I installed back up lights on my trailer, but did not go through the complication of integrating them with the plug cable. Instead, I found a junction box under the rear slide that had 12VDC power and installed a waterproof switch on the junction box cover. I just flip the switch when I need the backup lights. Very easy and I can turn on the lights any time I want, regardless of whether the TV is hooked up.

DAN


----------



## RDS (Jul 20, 2011)

bbuchorn said:


> Hey guys. I am planning to put 2 back up lights under the rear end of my 298RE. I have a couple of these- http://www.ebay.com/itm/10W-Waterproof-LED-Flood-Wash-Light-Lamp-DC-12V-Outdoor-Bulb-Floodlight-/190839979584?pt=LH_DefaultDomain_0&hash=item2c6ef2fe40 . they are plenty bright and don't take much juice to run. I understand that the middle pin on the 7 pin plug for the trailer is the back up light circuit.My question is- Does the plug cable on the outback trailer have that lead included, and where do I hook up to it? would I need to run a ground as well or uses a chassis ground strap? Just getting started with my mods.


Verify which pin is hot only in reverse using a 12 volt test light (with a helper), then follow that pin to the TT plug. Open up junction box on front of TT (usually mounted on frame behind battery and LP tanks)Look where the TT harness comes into junction block, if there are 7 wires find the one that lights up a 12 volt test light only in reverse. Run a wire from this in the underbelly of TT to the rear and connect it to the hot side of your new lights. Connect the ground side of your new lights to the frame with ring teminal and call it a day....


----------



## Leedek (Nov 28, 2010)

TwoElkhounds said:


> I installed back up lights on my trailer, but did not go through the complication of integrating them with the plug cable. Instead, I found a junction box under the rear slide that had 12VDC power and installed a waterproof switch on the junction box cover. I just flip the switch when I need the backup lights. Very easy and I can turn on the lights any time I want, regardless of whether the TV is hooked up.
> 
> DAN


2x on TwoElkhounds method. Sometimes the simple approach is the best. There is less stress and the need is met. The complication of the trucks reverse switch functioning the back up lights is enough for me to not do it. Wire it to a 12VDC source near the end of the TT with a switch to turn it off/on. Pop a top.... relax... enjoy the campsite.

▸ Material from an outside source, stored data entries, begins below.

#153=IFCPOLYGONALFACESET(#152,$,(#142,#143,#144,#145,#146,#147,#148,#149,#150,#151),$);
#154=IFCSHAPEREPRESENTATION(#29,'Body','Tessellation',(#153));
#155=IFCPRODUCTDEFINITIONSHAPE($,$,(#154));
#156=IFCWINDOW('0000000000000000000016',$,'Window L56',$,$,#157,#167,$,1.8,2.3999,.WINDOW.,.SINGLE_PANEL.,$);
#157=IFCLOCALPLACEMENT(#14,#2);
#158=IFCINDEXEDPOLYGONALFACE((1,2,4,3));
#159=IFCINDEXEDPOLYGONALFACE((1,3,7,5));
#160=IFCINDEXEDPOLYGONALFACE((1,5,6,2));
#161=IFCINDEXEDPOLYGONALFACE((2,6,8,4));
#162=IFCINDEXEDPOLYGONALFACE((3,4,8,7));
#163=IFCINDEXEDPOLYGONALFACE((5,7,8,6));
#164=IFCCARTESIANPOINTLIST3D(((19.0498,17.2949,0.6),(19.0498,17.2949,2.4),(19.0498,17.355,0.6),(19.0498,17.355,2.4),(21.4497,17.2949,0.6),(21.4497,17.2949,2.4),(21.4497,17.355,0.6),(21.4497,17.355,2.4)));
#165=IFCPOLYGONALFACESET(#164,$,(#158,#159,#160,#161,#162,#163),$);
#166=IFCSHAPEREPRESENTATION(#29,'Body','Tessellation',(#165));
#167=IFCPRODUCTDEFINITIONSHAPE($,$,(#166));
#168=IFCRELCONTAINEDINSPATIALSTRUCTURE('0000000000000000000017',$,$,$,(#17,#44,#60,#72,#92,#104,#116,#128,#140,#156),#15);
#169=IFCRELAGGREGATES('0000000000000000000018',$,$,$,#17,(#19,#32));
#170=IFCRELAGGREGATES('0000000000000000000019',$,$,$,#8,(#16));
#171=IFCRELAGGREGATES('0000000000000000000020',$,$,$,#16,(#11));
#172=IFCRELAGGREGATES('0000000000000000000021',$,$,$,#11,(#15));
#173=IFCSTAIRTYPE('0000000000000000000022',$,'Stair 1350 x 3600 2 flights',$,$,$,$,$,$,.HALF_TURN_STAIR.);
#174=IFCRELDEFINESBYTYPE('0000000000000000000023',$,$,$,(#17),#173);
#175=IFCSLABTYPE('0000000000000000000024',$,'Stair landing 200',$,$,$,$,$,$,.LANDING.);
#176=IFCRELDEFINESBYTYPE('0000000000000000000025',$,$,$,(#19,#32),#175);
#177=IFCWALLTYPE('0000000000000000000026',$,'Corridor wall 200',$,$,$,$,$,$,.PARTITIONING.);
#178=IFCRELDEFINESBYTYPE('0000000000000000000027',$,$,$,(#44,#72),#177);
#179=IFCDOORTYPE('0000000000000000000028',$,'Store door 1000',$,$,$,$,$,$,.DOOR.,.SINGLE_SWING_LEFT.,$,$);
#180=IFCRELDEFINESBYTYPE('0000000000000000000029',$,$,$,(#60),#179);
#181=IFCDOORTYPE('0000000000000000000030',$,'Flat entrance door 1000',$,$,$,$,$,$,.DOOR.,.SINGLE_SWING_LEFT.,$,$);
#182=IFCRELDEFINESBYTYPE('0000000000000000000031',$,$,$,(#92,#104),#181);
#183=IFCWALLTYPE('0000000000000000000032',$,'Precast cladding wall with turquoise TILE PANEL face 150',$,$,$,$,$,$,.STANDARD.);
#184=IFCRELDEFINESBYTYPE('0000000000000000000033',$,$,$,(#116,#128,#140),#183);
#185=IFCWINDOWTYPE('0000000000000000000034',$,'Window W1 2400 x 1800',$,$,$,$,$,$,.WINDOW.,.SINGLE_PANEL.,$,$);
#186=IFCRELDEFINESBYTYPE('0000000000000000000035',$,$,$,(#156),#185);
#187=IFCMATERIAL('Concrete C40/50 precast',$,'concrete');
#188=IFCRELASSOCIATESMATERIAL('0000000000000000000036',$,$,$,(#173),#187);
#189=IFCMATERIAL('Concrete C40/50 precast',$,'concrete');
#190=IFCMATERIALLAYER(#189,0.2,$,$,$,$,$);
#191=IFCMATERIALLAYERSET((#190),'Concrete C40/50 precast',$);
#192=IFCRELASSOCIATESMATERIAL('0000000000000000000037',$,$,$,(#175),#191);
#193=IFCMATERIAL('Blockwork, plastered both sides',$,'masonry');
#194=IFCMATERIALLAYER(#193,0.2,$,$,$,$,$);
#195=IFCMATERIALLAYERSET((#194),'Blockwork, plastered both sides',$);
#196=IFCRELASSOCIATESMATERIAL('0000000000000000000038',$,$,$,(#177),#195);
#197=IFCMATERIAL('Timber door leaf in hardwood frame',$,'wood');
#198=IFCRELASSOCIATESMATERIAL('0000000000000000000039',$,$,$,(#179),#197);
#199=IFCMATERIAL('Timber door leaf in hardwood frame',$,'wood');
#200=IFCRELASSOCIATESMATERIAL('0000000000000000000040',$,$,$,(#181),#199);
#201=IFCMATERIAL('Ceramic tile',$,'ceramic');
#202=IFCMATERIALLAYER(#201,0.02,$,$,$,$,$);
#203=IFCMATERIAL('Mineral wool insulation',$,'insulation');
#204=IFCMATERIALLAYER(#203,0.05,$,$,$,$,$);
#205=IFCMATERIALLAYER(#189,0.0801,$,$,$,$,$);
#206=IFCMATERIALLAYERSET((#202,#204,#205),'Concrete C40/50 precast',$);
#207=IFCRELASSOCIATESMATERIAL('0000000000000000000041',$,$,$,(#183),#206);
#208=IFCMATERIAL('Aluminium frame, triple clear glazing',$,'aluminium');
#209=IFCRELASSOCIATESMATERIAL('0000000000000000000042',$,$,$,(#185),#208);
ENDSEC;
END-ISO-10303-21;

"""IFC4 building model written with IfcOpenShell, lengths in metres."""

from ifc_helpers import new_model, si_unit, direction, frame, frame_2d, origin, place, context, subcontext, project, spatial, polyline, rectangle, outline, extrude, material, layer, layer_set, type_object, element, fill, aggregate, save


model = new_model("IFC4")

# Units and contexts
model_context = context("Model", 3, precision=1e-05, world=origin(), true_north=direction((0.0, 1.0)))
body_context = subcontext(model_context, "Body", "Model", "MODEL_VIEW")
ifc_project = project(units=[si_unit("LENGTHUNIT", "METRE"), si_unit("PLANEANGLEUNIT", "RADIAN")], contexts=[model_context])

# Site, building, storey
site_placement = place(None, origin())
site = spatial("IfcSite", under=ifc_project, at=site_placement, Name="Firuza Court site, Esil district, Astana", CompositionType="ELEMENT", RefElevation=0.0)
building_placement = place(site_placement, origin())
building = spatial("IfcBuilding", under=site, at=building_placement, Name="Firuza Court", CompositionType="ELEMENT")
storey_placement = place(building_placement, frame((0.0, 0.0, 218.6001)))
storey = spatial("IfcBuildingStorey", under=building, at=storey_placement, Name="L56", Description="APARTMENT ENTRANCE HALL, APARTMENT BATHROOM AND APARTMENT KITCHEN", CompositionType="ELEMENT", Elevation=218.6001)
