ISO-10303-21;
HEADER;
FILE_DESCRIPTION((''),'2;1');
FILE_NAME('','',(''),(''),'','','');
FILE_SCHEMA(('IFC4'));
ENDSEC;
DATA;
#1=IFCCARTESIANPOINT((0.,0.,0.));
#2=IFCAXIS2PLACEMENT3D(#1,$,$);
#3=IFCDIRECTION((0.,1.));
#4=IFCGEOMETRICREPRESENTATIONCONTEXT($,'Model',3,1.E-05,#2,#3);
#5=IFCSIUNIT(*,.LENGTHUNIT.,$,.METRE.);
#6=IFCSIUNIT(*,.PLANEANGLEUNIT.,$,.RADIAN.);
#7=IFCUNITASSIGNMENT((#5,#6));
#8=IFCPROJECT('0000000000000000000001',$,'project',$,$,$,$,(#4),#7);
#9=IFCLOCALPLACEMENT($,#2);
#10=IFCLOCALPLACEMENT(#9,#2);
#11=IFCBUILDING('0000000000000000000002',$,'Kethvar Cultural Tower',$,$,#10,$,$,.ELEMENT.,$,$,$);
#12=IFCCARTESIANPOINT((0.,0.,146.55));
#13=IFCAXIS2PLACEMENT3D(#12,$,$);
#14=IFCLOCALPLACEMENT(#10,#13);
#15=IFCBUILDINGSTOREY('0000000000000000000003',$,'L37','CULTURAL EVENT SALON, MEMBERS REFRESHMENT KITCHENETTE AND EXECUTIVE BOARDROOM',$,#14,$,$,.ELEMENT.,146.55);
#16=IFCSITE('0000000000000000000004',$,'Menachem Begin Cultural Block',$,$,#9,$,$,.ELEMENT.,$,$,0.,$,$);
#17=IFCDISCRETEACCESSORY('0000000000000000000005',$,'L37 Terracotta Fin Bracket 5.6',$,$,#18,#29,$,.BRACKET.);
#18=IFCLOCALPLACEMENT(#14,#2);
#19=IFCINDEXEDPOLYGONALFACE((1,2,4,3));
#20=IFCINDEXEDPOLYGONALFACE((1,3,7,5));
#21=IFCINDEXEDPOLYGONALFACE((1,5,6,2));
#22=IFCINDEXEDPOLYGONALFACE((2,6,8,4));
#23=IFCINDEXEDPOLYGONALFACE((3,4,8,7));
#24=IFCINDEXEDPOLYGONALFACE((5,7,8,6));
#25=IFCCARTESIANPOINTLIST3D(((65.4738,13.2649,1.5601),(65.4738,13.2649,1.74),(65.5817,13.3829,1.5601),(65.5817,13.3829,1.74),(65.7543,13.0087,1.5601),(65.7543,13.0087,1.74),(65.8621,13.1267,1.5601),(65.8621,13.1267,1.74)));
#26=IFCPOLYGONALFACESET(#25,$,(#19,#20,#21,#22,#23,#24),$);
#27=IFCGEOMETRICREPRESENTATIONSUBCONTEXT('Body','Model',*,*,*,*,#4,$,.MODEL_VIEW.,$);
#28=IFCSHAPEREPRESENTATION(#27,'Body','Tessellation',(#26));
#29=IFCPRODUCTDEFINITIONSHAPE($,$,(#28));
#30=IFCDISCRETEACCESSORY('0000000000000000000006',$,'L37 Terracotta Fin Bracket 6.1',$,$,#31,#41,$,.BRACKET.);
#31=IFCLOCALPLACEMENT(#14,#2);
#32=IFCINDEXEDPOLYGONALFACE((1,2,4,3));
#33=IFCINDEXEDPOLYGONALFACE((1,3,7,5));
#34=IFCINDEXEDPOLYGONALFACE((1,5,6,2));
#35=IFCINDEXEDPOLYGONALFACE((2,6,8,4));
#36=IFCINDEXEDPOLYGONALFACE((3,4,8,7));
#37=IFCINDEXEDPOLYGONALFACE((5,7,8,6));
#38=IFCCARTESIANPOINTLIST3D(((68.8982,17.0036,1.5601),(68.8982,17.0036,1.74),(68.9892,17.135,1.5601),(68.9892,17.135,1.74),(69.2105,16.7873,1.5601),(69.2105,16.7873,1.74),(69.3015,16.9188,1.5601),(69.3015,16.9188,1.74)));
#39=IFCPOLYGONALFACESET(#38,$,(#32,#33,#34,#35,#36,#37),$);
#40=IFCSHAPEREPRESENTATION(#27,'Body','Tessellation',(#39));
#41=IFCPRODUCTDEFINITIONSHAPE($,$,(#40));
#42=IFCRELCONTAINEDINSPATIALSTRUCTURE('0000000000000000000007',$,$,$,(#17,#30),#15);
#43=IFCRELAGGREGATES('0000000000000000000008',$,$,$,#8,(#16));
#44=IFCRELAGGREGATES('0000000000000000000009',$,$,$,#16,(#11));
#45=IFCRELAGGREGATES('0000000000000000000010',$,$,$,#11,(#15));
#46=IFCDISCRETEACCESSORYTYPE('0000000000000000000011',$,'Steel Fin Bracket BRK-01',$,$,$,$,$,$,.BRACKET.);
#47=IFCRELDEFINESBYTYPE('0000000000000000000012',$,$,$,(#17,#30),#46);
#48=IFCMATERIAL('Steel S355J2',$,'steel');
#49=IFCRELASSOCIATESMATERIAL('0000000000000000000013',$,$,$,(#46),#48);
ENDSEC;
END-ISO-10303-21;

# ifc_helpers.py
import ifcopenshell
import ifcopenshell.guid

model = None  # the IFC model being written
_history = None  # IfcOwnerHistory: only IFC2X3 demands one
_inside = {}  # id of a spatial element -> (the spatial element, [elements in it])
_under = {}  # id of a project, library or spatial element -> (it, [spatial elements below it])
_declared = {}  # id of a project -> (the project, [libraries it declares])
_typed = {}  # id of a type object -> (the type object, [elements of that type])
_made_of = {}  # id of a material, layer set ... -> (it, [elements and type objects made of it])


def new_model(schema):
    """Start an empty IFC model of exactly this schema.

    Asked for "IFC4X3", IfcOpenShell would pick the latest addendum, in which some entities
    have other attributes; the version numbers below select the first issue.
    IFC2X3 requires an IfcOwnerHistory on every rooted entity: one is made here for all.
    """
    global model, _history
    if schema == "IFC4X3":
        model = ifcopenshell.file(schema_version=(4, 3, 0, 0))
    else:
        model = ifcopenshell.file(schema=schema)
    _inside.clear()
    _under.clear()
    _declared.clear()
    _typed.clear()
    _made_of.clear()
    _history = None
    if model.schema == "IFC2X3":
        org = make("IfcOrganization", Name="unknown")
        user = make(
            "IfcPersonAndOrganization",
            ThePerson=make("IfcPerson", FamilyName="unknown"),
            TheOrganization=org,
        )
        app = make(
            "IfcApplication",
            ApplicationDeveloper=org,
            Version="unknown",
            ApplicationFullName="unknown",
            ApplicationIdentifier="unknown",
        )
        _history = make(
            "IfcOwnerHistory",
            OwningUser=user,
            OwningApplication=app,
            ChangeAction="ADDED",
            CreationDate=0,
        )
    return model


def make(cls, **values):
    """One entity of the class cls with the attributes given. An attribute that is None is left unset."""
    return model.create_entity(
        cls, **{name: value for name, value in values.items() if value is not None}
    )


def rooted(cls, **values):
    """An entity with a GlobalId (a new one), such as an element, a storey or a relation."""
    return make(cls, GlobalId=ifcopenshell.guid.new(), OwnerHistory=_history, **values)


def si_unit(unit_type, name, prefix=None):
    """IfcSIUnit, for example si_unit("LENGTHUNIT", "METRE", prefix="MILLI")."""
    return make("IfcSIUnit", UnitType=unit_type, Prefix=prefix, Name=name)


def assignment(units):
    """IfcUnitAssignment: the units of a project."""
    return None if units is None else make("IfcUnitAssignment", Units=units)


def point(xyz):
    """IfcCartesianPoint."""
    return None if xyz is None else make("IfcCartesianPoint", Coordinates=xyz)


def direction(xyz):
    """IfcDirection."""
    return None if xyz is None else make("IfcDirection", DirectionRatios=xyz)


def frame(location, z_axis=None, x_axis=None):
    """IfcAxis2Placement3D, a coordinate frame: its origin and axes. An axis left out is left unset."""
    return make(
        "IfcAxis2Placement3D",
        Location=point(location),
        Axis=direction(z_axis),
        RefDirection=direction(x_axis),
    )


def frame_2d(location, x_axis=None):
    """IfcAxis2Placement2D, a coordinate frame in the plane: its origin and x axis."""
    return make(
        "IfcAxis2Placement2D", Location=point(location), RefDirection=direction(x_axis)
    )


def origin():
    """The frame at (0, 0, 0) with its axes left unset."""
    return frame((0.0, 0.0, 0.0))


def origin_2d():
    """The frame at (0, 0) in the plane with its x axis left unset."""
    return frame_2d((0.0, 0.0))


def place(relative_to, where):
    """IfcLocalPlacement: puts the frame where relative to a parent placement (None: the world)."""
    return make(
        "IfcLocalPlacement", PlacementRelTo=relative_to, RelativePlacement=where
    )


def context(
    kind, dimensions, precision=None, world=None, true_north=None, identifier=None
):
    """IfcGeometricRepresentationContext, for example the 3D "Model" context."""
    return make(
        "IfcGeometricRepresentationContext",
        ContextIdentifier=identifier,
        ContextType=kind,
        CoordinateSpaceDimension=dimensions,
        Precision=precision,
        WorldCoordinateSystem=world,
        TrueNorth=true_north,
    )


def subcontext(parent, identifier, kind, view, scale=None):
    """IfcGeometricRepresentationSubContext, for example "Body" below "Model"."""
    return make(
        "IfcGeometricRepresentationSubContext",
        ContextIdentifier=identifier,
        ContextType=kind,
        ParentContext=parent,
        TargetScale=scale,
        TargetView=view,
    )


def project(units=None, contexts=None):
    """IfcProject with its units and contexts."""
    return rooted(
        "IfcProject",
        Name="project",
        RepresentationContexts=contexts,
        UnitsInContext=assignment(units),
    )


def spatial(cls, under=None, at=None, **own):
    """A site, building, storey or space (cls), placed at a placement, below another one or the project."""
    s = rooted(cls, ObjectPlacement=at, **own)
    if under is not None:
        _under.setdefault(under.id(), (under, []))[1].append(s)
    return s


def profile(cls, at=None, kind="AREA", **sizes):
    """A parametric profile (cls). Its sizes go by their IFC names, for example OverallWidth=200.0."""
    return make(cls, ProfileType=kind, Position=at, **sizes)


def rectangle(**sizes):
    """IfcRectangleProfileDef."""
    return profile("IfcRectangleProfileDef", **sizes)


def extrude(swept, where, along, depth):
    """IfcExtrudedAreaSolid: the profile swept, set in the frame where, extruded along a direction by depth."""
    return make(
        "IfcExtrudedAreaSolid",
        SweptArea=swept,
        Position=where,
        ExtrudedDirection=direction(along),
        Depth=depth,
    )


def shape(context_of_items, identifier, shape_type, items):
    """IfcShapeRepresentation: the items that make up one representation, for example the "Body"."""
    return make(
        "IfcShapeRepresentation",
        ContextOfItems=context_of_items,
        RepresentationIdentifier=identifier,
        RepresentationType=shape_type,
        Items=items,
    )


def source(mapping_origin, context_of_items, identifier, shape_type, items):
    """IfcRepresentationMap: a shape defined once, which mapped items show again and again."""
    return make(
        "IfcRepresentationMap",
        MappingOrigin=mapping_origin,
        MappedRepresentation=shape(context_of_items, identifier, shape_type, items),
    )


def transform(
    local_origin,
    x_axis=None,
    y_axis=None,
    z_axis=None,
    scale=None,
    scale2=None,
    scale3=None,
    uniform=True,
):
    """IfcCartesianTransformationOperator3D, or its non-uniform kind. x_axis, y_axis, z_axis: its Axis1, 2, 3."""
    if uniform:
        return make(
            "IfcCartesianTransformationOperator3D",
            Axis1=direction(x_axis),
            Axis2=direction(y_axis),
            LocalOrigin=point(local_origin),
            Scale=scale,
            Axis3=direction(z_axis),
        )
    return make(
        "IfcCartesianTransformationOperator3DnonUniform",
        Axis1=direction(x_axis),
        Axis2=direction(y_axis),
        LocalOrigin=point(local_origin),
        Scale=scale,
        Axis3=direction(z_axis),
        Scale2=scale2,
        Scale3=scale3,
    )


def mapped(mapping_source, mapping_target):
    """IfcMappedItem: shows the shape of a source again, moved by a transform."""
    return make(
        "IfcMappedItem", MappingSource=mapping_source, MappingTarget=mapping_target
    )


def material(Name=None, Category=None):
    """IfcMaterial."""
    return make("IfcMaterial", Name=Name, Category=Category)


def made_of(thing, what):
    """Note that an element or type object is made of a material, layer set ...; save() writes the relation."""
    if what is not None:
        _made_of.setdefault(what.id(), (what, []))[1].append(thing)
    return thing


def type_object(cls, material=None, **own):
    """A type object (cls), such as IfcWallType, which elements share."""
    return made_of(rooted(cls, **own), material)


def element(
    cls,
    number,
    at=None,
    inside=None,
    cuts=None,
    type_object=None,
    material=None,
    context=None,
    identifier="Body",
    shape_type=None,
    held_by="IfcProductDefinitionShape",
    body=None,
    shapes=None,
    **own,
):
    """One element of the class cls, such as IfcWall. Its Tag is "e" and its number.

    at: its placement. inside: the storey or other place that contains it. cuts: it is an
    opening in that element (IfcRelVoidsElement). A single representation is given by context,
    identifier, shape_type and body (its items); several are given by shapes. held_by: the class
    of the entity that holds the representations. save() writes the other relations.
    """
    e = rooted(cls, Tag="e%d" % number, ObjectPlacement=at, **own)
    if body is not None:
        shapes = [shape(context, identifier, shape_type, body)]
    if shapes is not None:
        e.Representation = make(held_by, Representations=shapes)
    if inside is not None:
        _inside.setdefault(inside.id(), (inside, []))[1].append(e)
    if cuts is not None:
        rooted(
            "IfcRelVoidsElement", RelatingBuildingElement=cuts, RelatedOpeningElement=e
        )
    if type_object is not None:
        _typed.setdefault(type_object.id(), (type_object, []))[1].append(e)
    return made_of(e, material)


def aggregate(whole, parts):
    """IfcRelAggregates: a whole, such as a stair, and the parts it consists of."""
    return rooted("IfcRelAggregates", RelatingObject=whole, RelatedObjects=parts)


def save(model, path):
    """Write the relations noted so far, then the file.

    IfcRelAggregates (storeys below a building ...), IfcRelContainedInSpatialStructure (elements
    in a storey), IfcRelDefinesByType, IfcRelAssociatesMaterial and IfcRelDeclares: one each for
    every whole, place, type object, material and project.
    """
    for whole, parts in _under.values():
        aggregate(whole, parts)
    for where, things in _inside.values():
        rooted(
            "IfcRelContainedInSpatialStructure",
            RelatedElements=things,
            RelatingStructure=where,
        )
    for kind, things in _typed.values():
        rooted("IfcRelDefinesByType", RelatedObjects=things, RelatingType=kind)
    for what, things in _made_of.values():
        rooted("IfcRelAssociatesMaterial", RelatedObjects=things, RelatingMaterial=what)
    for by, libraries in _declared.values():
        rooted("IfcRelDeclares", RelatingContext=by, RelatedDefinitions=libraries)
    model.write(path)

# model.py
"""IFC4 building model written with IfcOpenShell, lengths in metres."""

from ifc_helpers import new_model, si_unit, direction, frame, origin, origin_2d, place, context, subcontext, project, spatial, rectangle, extrude, source, transform, mapped, material, type_object, element, save


model = new_model("IFC4")

# Units and contexts
model_context = context("Model", 3, precision=1e-05, world=origin(), true_north=direction((0.0, 1.0)))
body_context = subcontext(model_context, "Body", "Model", "MODEL_VIEW")
ifc_project = project(units=[si_unit("LENGTHUNIT", "METRE"), si_unit("PLANEANGLEUNIT", "RADIAN")], contexts=[model_context])

# Site, building, storey
site_placement = place(None, origin())
site = spatial("IfcSite", under=ifc_project, at=site_placement, Name="Menachem Begin Cultural Block", CompositionType="ELEMENT", RefElevation=0.0)
building_placement = place(site_placement, origin())
building = spatial("IfcBuilding", under=site, at=building_placement, Name="Kethvar Cultural Tower", CompositionType="ELEMENT")
storey_placement = place(building_placement, frame((0.0, 0.0, 146.55)))
storey = spatial("IfcBuildingStorey", under=building, at=storey_placement, Name="L37", Description="CULTURAL EVENT SALON, MEMBERS REFRESHMENT KITCHENETTE AND EXECUTIVE BOARDROOM", CompositionType="ELEMENT", Elevation=146.55)

# Shared definitions
ifc_material_1 = material(Name="Steel S355J2", Category="steel")

# Discrete accessories
discrete_accessory_type = type_object("IfcDiscreteAccessoryType", Name="Steel Fin Bracket BRK-01", PredefinedType="BRACKET", material=ifc_material_1)
shared_shape_1 = source(origin(), body_context, "Body", "SweptSolid", [
    extrude(rectangle(XDim=0.3799, YDim=0.1599, at=origin_2d()), origin(), (0.0, 0.0, 1.0), 0.1799),
])
for number, where, z_axis, x_axis, name in (
    (1, (65.668, 13.1958, 1.5601), (0.0, 0.0, 1.0), (0.738338, -0.674431, 0.0), "L37 Terracotta Fin Bracket 5.6"),
    (2, (69.0999, 16.9612, 1.5601), (0.0, 0.0, 1.0), (0.822144, -0.56928, 0.0), "L37 Terracotta Fin Bracket 6.1"),
):
    element("IfcDiscreteAccessory", number, at=place(storey_placement, frame(where, z_axis=z_axis, x_axis=x_axis)), inside=storey, type_object=discrete_accessory_type, Name=name, PredefinedType="BRACKET", context=body_context, shape_type="MappedRepresentation", body=[
        mapped(shared_shape_1, transform((0.0, 0.0, 0.0), scale=1.0)),
    ])

save(model, "model.ifc")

OR get out your five volume set of truck manual, research the wiring diagrams, find a way to run an extra wire from 7-pin connector to the back-up lights on the TT, scream at the dog for getting in the way, yell at the kids for tripping on the wiring, bust that knuckle under the trucks bumper, and have fun.


----------



## muddy tires (Jun 22, 2007)

The reverse wire is in the trailer pigtail but not connected to anything. Since my driveway is long and dark and we frequently return home at night, the automatic approach was better for me. No changes necessary for the truck - just extend the wire from the trailer junction box.


----------



## TwoElkhounds (Mar 11, 2007)

muddy tires said:


> The reverse wire is in the trailer pigtail but not connected to anything. Since my driveway is long and dark and we frequently return home at night, the automatic approach was better for me. No changes necessary for the truck - just extend the wire from the trailer junction box.


I also have an automatic switch, called DW.


----------



## LaydBack (Aug 22, 2010)

There's a lead in the Bargman junction box that your 7 lead cable goes to on the trailer. From there, you just run a wire to the backup lights and when you shift to reverse, they will come on. I may have pics in the link in my sig, or PM me if you want it to work as I described.


----------